Just what would Britain be like in 20 years’ time if we stayed in the EU?
sir – In his interview with Tim Stanley, Sir Vince Cable (Men, September 6) said one of his objectives when Brexit negotiations are concluded is to have a popular vote on whether we proceed, or whether we go back to the status quo.
As Allister Heath points out (Comment, September 7), “the public will no longer tolerate the status quo”. That is what the EU referendum told us, as did the 2017 general election.
The EU status quo will not remain so for long. The EU has to move towards federalisation to survive. As Jeremy Warner wrote (Comment, September 6), the EU is “still a million miles from the consensus needed on debt mutualisation, fiscal transfers, and large movements of labour to achieve a sustainable monetary union”.
The project will roll on until it succeeds or implodes, and many of us who voted to leave see the risks of remaining as unacceptable. Just once I would like Sir Vince and the other prominent Remainers to set out what they see as Britain’s role and status in 20 or 30 years if we were to remain in the EU and a United States of Europe were about to become reality. Mike Herman
Ware, Hertfordshire
sir – As about so much, Nick Timothy (Comment, September 7) is wrong to assert that there will be a compromise with the EU over Brexit. The EU elite’s logic is not the logic of business or markets, it is the logic of power.
Merkel, Macron, Barnier, Selmayr et al are not looking for some clever deal, even one that is tipped somewhat in their favour.
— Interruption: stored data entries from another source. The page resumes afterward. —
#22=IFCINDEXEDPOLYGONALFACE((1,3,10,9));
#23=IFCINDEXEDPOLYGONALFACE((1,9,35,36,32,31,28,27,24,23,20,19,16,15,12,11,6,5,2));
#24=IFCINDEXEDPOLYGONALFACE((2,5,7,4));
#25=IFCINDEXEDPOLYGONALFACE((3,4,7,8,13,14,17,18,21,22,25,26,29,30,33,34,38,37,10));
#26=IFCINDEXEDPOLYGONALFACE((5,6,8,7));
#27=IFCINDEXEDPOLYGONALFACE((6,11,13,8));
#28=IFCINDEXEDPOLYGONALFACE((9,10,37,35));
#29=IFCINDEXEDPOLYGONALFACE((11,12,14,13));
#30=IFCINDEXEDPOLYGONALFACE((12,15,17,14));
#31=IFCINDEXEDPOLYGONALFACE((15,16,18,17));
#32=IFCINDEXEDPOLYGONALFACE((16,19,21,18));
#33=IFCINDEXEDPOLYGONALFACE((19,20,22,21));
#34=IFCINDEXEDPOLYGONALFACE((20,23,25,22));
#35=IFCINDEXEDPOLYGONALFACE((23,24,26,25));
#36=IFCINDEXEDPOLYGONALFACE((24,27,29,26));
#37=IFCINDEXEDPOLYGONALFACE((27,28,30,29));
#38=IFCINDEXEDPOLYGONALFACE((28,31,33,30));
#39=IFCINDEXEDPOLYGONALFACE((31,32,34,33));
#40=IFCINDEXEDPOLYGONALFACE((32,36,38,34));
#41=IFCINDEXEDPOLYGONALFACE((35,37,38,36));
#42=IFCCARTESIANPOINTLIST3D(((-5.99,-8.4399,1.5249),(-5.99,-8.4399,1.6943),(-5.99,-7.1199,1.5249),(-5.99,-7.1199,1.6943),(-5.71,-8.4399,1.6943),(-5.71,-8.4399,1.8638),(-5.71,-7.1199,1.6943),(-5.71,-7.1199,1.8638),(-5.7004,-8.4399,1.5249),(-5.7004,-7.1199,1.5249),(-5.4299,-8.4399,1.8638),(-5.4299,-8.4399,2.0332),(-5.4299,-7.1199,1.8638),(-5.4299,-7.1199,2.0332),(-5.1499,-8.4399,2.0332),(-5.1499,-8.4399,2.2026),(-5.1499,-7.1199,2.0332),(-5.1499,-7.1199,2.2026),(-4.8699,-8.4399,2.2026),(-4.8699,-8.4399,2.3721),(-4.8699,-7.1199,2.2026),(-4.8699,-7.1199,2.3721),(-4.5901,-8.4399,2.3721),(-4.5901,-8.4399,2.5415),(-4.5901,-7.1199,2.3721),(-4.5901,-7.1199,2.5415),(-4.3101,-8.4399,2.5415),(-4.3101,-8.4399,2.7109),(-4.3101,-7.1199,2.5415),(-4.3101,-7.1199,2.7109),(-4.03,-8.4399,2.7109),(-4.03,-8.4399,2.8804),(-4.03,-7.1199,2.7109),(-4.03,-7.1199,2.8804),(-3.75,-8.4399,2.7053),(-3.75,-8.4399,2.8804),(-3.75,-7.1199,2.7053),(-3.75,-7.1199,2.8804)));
They are determined upon exacting surrender.
Why? Because for them it is not a matter of holding the creaking EU structure together, but of binding member states ever more tightly together into an increasingly centralised proto-superstate.
To achieve this end, dissent from the dogma of ever-closer union must be punished and, where possible, resistance from recalcitrant states crushed. For them, this absolute requirement trumps everything else, even the Union’s economic wellbeing.
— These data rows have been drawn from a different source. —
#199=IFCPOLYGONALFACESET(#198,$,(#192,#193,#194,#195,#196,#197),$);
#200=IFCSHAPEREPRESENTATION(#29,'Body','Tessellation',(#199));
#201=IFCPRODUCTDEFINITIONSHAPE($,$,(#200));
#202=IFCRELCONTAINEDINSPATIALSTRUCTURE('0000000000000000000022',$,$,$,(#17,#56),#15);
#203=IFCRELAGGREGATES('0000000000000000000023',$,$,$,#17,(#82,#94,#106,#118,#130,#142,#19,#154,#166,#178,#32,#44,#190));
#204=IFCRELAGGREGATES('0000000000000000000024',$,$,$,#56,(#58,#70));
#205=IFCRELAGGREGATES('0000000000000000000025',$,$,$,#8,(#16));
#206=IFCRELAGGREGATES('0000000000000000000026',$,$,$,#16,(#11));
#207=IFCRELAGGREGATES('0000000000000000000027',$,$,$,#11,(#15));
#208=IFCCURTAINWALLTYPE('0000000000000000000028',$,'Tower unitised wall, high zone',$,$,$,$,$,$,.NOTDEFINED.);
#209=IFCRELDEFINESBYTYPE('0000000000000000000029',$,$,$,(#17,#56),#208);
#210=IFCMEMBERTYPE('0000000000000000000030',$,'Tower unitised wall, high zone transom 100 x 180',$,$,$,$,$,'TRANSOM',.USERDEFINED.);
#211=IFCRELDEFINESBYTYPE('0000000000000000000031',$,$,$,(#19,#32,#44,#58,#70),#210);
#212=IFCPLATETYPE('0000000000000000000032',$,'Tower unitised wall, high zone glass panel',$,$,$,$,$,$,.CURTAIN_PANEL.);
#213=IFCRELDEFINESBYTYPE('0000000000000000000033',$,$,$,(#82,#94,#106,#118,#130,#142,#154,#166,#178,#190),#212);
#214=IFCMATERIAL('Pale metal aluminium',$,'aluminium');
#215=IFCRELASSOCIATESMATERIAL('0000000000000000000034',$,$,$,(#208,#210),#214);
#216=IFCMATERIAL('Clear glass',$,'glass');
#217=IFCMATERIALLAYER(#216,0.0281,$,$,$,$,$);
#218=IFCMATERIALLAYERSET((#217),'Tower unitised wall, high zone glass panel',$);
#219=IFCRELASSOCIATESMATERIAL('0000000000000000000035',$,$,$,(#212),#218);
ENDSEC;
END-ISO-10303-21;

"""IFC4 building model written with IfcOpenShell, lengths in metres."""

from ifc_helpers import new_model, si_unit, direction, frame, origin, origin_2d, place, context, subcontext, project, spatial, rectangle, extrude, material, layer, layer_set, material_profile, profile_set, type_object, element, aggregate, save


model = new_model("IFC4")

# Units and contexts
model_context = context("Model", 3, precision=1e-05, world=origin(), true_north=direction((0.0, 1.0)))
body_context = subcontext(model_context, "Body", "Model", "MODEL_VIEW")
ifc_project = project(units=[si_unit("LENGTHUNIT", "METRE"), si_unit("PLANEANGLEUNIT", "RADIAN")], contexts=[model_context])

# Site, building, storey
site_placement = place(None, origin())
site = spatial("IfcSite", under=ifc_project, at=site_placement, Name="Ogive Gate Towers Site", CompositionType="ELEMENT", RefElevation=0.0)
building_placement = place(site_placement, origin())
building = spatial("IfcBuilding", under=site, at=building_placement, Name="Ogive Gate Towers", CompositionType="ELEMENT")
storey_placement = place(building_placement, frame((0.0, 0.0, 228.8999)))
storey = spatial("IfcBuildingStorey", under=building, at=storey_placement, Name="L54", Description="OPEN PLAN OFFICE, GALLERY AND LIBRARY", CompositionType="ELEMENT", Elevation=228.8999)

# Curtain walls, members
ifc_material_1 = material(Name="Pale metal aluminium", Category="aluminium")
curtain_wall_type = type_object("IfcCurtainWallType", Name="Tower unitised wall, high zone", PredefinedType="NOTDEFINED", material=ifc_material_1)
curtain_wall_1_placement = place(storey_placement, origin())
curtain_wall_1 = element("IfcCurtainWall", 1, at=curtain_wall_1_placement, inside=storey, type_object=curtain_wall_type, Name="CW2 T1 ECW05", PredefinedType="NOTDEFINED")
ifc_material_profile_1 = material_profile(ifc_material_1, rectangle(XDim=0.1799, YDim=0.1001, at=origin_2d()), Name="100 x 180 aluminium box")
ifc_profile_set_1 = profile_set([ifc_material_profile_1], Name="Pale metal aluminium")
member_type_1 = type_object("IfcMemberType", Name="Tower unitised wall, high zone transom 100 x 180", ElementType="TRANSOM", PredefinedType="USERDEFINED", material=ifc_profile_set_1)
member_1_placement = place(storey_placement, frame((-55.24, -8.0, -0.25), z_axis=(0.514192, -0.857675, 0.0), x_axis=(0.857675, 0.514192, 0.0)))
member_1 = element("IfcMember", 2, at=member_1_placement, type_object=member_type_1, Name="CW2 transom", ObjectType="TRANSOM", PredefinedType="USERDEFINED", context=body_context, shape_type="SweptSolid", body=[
In turn, we in Britain must realise that regaining sovereignty is likely to involve pain. But so many sacrificed so much in so many struggles to keep our freedom, that we must not give it up now for a mess of pottage on which in the longer term we would choke. Terry Smith
London NW11
sir – The more the insults from the EU flow, the more we can be assured that David Davis is doing a great job. Fred Sommers
Eversley, Hampshire
sir – A spokesman for the EU Flags Proms Team (report, September 8) says that Mozart, Handel and Bach would presumably not be welcome in London during the Brexit dark ages.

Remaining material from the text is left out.